Ford is ramping up production of the new-generation Ranger ahead of local showroom arrivals from June/July. But twin-turbo 2.0-litre four-cylinder diesel models are expected ahead of examples equipped with the turbo diesel V6, say dealer sources.

Highly-anticipated V6 diesel examples of the 2023 Ford Ranger Wildtrak are expected to be a few weeks behind the initial shipment of models powered by the familiar twin-turbo 2.0-litre four-cylinder diesel engine.

With an engine borrowed from the Ford F-150 in the US, the new Ford Ranger will be the most powerful – and boast the most torque – among its direct diesel double-cab rivals when equipped with the optional turbo diesel V6 (TDV6).

However, Ford Ranger fans wanting turbo diesel V6 grunt will need to be a little more patient, say dealer sources.

Ford dealers canvassed by Drive say they have been advised turbo diesel V6 variants will be at least a few weeks behind the twin-turbo 2.0-litre four-cylinder diesel models.

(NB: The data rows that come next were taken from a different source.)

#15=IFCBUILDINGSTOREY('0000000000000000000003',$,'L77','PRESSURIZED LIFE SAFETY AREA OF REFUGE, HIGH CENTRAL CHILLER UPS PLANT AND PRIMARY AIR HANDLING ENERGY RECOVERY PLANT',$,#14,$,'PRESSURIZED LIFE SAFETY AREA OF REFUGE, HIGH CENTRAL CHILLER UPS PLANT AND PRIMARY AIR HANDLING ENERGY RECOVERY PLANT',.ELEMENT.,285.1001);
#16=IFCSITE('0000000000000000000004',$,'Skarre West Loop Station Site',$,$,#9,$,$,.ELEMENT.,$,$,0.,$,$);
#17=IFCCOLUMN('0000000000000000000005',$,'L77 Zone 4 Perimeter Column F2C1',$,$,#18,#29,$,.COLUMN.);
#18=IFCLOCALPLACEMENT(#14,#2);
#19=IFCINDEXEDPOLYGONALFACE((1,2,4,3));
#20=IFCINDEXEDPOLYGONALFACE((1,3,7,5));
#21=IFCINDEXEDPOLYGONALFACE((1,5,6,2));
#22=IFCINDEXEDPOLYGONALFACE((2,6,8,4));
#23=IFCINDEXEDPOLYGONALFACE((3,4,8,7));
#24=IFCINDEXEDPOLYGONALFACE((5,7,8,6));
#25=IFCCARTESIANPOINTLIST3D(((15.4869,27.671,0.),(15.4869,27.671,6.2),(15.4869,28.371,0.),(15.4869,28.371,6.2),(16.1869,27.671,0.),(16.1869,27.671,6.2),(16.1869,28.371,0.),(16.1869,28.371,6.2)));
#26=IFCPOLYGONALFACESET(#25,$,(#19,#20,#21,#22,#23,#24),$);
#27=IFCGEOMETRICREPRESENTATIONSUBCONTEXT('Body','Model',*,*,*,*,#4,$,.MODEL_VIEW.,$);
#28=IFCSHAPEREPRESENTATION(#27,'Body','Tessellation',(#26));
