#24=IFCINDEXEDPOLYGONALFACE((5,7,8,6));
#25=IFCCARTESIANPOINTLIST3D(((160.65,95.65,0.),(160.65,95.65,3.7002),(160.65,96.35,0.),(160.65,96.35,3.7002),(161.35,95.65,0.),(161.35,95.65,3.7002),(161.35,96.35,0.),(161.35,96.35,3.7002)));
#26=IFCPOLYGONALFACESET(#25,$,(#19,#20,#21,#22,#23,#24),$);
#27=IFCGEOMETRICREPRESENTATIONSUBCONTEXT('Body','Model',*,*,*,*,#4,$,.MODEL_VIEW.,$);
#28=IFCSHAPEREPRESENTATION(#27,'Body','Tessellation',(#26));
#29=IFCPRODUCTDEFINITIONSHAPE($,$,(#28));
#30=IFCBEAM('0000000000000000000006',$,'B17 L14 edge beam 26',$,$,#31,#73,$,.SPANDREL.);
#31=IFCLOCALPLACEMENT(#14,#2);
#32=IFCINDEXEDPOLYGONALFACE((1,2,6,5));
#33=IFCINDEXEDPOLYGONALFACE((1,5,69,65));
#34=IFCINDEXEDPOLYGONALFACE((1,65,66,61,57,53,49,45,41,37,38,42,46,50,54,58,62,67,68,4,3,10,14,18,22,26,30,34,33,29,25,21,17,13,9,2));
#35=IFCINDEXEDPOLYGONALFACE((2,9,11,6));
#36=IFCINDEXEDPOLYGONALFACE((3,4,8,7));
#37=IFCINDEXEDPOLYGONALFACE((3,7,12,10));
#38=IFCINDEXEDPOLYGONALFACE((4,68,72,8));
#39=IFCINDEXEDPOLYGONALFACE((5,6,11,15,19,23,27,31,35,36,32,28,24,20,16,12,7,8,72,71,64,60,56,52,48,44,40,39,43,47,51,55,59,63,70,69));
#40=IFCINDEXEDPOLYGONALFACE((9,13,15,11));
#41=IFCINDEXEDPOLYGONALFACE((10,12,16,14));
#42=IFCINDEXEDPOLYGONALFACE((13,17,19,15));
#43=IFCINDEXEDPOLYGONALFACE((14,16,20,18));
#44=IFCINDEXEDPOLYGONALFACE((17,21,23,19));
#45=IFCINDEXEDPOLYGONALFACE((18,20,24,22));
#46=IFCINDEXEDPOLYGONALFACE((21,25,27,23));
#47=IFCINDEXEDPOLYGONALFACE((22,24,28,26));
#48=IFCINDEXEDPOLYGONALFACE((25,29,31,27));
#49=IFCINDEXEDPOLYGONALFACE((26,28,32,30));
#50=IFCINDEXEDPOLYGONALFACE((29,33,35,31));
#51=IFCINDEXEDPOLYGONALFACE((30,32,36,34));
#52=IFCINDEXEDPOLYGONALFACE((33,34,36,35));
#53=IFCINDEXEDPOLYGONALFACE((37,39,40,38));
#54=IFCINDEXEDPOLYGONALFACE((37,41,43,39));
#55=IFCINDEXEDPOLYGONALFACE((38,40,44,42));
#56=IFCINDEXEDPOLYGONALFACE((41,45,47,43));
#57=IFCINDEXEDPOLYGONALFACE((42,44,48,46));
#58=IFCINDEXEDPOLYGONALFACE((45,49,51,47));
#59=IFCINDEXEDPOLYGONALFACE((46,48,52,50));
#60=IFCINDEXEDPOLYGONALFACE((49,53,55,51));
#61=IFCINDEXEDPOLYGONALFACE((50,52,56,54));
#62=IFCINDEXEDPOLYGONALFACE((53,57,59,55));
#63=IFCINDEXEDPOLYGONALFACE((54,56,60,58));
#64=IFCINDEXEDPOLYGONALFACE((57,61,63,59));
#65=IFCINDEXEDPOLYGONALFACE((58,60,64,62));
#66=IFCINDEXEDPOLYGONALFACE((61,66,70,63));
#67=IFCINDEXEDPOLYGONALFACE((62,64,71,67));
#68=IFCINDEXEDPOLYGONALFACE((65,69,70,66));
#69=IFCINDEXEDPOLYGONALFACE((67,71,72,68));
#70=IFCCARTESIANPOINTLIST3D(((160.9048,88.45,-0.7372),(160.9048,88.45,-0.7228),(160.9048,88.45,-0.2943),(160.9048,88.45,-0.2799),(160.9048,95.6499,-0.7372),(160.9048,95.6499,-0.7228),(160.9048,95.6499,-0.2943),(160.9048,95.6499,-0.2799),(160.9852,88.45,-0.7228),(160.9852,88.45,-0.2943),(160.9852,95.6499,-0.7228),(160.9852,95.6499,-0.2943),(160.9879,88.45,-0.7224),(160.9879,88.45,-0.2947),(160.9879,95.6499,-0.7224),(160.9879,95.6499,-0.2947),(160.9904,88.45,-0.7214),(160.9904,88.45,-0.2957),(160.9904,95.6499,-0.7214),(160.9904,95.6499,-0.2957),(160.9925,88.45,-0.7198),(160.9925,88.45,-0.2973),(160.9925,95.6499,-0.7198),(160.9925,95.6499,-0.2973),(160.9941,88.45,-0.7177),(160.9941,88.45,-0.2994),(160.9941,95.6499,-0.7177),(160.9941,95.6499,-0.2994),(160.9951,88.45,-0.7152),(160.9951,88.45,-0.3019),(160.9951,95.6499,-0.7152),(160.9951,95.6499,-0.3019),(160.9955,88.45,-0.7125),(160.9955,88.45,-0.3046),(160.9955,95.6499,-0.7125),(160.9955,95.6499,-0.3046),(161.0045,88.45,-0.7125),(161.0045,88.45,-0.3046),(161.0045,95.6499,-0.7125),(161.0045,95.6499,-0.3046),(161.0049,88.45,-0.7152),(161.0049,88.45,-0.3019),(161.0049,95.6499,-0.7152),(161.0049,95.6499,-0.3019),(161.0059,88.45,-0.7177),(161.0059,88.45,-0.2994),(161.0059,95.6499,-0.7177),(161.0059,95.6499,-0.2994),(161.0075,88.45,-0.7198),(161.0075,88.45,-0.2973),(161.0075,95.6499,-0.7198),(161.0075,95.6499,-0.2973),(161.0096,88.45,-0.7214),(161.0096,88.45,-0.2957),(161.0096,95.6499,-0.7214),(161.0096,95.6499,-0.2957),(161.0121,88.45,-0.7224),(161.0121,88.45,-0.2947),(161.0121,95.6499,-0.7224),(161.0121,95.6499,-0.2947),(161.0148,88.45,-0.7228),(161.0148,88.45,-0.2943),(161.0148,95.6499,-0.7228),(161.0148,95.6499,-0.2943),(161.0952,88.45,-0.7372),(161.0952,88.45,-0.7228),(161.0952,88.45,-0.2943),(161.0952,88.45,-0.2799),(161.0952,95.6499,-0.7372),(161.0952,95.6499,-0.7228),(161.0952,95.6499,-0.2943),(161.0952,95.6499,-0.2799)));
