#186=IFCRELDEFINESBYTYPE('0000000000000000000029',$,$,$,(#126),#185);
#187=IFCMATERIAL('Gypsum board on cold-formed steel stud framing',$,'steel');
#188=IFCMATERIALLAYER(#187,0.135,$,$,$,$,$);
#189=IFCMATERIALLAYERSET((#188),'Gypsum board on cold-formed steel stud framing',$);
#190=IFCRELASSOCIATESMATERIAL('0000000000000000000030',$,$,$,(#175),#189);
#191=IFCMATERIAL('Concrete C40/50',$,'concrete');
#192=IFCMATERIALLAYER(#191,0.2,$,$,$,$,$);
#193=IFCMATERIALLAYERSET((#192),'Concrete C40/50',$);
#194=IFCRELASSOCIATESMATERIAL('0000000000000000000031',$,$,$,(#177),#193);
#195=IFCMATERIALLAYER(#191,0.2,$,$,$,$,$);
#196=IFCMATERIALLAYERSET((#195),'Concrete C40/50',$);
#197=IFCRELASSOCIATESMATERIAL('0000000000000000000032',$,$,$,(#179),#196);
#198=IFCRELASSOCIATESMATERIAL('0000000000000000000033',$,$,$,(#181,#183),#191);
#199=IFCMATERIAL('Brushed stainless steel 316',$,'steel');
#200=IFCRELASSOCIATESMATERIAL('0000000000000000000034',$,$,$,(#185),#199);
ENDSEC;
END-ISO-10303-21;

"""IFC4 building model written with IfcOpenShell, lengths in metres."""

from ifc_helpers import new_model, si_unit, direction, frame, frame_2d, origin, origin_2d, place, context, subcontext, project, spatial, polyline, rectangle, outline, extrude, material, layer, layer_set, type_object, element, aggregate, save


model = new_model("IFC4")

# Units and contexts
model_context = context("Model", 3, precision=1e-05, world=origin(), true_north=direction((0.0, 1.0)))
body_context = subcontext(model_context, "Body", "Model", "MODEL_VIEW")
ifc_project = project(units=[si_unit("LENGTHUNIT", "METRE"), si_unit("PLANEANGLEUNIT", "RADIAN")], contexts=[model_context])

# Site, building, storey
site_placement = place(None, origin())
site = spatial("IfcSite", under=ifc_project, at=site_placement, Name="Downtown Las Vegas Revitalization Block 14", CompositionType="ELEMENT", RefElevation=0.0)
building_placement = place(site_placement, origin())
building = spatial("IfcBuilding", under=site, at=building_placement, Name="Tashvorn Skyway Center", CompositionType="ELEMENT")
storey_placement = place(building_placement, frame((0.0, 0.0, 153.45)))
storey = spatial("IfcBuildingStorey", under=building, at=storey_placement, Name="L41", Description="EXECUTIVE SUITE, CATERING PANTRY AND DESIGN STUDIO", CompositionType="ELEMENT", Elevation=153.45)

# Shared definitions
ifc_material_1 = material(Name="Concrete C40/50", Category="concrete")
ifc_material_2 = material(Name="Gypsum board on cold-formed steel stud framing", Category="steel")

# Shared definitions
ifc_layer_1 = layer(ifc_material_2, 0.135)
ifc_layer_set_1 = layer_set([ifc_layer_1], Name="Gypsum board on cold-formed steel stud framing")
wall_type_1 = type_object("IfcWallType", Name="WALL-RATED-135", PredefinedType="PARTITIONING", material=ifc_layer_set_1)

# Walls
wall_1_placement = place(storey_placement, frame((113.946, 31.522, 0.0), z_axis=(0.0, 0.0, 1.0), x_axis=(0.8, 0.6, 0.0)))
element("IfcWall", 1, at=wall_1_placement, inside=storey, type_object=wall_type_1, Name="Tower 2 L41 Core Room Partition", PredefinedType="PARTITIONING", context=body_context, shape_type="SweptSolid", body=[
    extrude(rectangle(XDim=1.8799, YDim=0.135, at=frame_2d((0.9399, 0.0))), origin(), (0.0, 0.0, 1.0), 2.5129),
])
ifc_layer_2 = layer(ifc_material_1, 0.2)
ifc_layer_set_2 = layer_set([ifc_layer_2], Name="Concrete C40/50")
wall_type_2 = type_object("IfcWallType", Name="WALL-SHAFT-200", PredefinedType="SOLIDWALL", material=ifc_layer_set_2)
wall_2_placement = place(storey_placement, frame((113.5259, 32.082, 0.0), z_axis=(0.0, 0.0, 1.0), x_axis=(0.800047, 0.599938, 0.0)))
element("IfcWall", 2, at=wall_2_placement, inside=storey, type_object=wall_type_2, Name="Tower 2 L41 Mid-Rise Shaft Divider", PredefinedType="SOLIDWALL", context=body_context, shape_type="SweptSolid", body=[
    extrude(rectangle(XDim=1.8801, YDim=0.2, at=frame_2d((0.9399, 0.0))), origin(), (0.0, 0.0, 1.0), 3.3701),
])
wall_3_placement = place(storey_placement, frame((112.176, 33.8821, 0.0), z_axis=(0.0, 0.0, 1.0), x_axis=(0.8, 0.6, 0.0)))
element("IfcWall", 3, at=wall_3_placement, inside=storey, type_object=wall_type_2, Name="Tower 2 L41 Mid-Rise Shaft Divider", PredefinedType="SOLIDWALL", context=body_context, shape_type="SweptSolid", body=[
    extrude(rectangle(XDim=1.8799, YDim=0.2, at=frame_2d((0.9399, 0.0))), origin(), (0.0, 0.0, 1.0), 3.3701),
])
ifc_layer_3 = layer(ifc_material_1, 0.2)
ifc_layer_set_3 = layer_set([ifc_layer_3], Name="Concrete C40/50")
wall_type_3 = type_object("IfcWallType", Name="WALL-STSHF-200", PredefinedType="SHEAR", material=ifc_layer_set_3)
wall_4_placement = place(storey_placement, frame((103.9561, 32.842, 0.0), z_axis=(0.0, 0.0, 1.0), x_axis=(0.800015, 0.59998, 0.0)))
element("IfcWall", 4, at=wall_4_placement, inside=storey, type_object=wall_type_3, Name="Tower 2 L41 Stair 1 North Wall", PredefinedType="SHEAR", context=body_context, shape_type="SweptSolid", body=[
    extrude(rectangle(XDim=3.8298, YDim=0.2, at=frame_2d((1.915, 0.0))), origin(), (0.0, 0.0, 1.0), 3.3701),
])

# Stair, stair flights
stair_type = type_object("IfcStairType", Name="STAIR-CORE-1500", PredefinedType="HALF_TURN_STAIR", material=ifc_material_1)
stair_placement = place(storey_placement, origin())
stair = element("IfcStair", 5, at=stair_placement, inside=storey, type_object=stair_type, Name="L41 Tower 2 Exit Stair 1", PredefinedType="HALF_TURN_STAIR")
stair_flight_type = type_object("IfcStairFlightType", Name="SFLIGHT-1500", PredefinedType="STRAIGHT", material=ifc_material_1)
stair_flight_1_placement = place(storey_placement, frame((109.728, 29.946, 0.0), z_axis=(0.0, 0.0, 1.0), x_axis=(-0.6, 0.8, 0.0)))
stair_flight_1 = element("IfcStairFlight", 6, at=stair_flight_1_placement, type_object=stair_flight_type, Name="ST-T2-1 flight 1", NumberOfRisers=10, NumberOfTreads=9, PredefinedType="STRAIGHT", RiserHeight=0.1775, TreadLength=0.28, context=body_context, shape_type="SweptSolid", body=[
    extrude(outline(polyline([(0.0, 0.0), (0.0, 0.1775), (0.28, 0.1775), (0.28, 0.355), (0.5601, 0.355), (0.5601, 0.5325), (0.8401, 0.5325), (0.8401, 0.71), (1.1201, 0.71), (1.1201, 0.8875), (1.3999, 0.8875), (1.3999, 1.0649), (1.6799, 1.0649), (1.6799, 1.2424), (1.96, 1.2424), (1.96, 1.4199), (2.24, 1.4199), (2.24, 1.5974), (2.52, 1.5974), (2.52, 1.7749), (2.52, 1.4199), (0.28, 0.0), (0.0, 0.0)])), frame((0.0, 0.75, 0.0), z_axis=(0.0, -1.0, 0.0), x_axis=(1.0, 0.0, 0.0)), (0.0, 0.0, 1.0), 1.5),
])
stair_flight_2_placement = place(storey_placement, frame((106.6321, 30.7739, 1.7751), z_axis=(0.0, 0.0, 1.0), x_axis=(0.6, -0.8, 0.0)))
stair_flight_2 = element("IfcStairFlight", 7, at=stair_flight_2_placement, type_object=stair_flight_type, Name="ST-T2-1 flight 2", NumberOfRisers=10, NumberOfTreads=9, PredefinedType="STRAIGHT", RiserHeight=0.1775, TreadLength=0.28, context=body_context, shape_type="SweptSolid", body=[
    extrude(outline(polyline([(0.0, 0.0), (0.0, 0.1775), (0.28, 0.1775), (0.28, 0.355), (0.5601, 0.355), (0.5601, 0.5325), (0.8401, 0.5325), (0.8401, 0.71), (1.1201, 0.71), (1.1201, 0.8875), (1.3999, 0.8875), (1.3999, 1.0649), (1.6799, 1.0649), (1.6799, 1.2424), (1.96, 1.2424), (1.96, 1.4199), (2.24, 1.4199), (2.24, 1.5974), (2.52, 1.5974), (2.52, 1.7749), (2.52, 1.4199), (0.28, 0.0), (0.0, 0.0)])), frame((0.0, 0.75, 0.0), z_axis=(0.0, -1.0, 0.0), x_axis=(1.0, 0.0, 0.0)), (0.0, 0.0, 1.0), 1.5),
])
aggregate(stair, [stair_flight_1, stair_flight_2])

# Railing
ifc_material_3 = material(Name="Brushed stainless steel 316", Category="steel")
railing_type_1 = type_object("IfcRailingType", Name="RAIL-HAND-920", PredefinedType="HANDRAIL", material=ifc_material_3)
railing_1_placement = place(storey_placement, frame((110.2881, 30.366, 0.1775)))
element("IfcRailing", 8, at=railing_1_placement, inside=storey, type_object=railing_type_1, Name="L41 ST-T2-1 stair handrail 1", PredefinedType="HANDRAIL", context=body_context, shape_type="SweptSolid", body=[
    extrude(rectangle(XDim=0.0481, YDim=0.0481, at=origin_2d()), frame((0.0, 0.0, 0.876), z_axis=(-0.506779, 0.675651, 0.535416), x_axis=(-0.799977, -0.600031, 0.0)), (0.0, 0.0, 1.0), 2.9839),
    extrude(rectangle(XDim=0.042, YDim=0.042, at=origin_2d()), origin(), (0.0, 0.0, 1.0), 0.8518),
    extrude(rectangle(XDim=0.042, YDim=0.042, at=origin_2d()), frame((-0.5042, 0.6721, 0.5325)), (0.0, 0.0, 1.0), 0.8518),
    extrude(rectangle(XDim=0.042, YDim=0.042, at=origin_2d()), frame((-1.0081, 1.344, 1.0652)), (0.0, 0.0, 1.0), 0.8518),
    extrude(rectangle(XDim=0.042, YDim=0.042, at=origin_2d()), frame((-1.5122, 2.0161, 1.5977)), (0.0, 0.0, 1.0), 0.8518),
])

Meanwhile, keen customers are comparing prices via social media to call out any dealers attempting to overcharge on dealer delivery fees.

Some Ford dealers are quoting a $1000 dealer fee, while a number are in the $1500 to $2000 range.

Dealers attempting to charge more than this are being called out on social media, and buyers appear to be favouring dealers who are not price gouging.

Ford and other car makers are powerless to stop dealers overcharging for in-demand vehicles.

Despite the name, ‘dealer delivery’ does not cover the cost of transporting the vehicle to the dealership; that is already included in the dealer’s invoice cost from the car company, with the vehicle delivered to their door.

Dealer delivery was created decades ago as a separate profit stream to prepare the car before handover to the customer.

The name is designed to give buyers the impression it is a fixed fee; many customers are unaware it is negotiable.

Industry veterans say it only takes a few hours to prepare a new prior to delivery and anything more than a $300 to $500 to the customer is excessive.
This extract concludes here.